If I get up from my office desk and walk across the room I can see in the distance the twin towers of the Severn Bridge spanning the Bristol Channel and behind them the first grey-green tracings of the landscape of Wales. As I’ve explained elsewhere, Wales is one of the four kingdoms of the United Kingdom. It was the first to be joined with England, officially by Acts of Union in 1536 and 1543, though it had been a principality in rather a messy sort of way since 1284.

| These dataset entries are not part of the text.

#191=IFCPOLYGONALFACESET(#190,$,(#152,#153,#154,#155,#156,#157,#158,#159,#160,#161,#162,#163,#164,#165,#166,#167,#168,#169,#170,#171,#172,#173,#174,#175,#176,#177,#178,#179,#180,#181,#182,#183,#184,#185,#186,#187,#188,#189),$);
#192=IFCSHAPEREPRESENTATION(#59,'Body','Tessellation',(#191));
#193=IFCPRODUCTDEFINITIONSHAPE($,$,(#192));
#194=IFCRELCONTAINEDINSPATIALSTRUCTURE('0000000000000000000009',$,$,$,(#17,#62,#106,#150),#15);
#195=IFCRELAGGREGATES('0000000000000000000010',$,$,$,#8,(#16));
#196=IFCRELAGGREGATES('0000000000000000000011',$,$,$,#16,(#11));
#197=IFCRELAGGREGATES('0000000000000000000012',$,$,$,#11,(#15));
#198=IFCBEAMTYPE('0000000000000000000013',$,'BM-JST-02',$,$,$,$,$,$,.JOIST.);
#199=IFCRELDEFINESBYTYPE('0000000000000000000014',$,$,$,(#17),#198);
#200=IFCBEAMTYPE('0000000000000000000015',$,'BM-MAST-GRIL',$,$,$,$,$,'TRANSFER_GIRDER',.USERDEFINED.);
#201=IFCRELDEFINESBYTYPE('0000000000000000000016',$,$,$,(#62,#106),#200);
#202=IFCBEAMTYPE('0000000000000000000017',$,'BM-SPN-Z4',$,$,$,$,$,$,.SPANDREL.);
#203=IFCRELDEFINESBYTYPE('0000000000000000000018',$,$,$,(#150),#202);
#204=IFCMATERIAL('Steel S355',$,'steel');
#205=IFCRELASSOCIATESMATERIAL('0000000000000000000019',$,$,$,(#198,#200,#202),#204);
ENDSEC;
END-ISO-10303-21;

The Anglo-Saxons who invaded and conquered England after the Roman left had no love for the Celtic people already occupying southern Britain and eventually overwhelmed them, except in certain distant western parts where communications were difficult, where there was little of value and where resistance was particularly fierce. So Wales, along with Cornwall, survived with its customs and language largely intact. The word Welsh is actually an Old English word meaning “foreigner; slave” and at first was applied by the Anglo-Saxons to all the native peoples of Britain. As you might guess, the word Welsh is not used by the Welsh: they call their language Cymraeg, their country Cymru and themselves Cymry. Another form of the Anglo-Saxon word was Welch, which now survives only in the name of the regiment The Royal Welch Fusiliers; another variant has become the surname Walsh.

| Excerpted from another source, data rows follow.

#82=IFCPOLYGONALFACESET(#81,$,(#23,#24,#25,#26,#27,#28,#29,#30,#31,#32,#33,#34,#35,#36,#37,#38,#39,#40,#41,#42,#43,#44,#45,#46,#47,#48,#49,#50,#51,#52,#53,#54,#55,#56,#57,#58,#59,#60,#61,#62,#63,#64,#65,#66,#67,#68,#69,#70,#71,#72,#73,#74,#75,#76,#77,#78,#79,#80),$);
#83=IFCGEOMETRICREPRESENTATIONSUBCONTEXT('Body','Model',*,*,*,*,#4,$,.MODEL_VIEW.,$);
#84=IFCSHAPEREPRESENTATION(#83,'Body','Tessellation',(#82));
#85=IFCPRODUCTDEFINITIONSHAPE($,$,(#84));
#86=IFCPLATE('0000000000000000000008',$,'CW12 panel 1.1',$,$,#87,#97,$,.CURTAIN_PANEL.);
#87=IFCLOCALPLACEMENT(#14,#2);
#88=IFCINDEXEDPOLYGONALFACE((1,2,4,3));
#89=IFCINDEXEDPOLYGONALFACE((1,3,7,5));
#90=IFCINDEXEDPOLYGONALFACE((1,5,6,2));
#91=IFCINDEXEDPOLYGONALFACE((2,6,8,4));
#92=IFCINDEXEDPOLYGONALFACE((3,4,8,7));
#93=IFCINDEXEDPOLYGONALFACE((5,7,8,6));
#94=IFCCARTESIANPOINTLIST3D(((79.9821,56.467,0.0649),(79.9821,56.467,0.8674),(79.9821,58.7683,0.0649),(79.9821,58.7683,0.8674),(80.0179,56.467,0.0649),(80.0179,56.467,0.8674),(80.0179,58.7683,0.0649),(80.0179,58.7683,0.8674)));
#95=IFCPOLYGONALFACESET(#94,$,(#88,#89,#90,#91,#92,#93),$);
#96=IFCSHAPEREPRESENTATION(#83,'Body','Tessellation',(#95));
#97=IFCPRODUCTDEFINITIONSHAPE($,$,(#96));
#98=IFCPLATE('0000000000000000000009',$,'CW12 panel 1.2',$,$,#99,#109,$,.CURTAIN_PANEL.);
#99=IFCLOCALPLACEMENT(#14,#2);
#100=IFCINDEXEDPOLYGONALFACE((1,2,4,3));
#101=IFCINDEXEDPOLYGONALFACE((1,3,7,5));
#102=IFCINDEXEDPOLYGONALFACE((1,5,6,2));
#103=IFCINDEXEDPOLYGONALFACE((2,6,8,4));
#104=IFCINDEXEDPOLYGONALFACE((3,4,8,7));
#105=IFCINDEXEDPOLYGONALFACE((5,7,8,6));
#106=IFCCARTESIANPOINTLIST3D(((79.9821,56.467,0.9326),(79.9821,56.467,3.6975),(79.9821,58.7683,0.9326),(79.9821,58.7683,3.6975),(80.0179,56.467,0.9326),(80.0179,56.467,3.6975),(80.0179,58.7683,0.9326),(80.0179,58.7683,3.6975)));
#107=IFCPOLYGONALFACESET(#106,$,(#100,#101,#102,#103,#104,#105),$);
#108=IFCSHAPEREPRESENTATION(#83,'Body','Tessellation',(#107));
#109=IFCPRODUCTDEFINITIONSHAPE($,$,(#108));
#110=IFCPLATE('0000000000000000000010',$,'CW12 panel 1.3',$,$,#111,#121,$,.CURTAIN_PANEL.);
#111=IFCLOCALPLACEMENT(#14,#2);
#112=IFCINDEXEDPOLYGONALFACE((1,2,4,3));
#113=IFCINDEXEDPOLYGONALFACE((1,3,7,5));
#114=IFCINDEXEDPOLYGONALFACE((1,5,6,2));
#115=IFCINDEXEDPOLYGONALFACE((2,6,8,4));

For most of the period since 1536 the language has been a casualty of the association with England. There was immense pressure on talented and ambitious young people to learn the dominant language of the island. Welsh was disregarded, though still commonly spoken. Although there was a substantial resurgence in the eighteenth century through the influence of Methodism, by the end of last century only a slight majority of Welsh people claimed to be able to speak Welsh. This figure went into steep decline this century with two great waves of collapse in the early 1900s and the 1960s. By about 1981, it had stabilised at around 15 per cent of the population but has slowly risen since. Very few people are now monolingual Welsh speakers, though I have met one or two in rural areas in central and northern Wales.

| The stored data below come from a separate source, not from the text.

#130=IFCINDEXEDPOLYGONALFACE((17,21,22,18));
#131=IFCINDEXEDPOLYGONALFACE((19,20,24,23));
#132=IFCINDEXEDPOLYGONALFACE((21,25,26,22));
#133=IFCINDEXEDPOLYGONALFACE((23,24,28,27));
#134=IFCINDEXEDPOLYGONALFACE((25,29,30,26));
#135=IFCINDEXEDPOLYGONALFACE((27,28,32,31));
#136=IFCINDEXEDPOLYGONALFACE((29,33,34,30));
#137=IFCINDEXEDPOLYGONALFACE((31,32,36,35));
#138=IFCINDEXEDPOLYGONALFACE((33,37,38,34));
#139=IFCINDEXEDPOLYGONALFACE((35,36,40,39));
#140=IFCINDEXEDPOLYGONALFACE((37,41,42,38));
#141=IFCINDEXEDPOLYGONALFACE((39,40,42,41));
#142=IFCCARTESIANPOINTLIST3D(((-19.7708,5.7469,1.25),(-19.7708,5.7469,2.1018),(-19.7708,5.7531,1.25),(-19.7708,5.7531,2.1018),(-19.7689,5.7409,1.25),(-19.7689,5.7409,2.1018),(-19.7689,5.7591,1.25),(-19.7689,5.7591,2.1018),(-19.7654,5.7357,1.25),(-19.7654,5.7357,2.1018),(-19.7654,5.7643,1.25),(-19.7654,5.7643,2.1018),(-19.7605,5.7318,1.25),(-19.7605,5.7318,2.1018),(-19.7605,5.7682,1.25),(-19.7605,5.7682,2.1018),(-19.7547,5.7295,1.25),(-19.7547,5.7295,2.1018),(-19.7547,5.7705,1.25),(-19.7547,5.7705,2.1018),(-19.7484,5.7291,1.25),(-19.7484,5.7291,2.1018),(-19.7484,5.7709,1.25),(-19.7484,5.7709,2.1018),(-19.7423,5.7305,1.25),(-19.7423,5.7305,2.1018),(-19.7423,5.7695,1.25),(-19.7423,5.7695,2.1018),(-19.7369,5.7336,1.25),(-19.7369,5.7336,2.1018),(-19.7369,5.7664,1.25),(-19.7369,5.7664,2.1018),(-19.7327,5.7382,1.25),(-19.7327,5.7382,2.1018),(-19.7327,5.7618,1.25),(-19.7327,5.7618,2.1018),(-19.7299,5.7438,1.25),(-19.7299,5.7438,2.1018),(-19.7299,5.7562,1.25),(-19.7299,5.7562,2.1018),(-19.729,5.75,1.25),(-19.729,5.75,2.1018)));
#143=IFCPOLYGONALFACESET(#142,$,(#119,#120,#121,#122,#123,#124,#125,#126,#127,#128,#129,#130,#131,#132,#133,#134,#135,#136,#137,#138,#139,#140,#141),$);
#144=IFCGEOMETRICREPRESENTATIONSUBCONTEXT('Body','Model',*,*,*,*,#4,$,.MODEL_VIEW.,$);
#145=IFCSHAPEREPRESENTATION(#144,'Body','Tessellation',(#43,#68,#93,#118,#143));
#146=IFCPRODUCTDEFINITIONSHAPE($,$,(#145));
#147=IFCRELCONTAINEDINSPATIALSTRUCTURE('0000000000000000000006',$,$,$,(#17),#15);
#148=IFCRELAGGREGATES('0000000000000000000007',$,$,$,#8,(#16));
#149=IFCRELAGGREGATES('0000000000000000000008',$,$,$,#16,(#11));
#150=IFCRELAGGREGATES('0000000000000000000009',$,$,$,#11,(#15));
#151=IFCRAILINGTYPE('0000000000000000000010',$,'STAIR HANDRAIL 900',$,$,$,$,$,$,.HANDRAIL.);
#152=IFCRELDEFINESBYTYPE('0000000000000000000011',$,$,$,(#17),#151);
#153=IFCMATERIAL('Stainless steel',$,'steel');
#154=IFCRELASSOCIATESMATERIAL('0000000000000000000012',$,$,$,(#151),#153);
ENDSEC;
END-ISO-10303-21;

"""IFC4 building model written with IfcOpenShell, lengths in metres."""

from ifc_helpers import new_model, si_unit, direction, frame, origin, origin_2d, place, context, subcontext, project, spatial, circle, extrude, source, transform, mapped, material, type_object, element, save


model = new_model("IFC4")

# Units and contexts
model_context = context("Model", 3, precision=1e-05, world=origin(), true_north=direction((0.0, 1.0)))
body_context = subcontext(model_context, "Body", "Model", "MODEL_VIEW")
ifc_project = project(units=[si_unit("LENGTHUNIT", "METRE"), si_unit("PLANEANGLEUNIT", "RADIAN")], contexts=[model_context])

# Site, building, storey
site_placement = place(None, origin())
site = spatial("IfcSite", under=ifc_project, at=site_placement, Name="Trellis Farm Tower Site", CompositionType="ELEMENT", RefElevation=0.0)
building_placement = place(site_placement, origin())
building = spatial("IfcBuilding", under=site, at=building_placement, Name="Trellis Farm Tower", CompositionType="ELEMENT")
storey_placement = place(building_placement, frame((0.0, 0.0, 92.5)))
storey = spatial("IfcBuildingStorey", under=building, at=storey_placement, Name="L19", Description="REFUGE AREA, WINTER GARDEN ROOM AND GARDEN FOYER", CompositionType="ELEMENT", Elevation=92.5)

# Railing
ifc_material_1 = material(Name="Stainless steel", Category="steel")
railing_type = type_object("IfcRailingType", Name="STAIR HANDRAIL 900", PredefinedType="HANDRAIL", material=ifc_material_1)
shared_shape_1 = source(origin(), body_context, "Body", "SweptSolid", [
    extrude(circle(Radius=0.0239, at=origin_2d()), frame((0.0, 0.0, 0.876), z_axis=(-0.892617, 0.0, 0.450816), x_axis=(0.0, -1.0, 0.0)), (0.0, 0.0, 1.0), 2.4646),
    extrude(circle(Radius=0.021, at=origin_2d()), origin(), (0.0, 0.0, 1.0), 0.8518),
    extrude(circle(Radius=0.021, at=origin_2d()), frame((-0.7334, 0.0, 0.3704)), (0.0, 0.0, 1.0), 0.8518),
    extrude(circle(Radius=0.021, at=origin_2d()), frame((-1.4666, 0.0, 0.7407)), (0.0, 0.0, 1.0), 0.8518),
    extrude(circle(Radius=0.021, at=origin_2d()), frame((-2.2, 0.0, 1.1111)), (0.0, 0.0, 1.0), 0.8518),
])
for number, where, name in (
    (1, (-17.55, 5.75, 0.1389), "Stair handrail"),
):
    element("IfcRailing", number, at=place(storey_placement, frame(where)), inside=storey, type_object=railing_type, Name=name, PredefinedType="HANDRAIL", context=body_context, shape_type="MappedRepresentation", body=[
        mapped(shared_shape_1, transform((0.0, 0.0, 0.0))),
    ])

Much of this recent loss was self-inflicted. Professor Gwyn Williams, the Marxist Welsh historian, said in his book When Was Wales?:

Many of the school-teachers in the new schools practised cultural genocide; the Welsh Not slung around a child’s neck to accompany his or her punishment for speaking his or her own language has become notorious. It was not very effective but it enormously reinforced the image of Welsh as an inferior and gutter language. More generally, the language suffered from its lack of social prestige; a “kitchen language”, many of its practices merely oral at the popular level, it was treated with scorn and, with the advance of English education, with vilification.

Though much has been done since the 1960s by activist bodies such as the Welsh Language Society to improve knowledge of Welsh, and the Welsh Language Act of 1967 made Wales officially bilingual, Welsh is by no means secure within its own country. However, the old scorn has largely gone and there is now no social stigma to speaking Welsh; there is a bilingual television channel, road signs are in both languages, and official business can be carried out in Welsh as well as English. There are indeed many places where you can still hear Welsh spoken daily, particularly in rural west, central and northern Wales, one of its heartlands being the western outliers of Snowdon down to Bangor and on to Anglesey. I can remember making a report to the local council in Bangor a few years ago about a study we had conducted. The proceedings were entirely in Welsh, with simultaneous translation to aid people like me who can hardly say “good morning” in the language (bore da). But even with formal help and encouragement, now amplified by the European Union’s support for what it politely calls “Less Favoured Languages”, the cultural pressure of British (and American) English is huge.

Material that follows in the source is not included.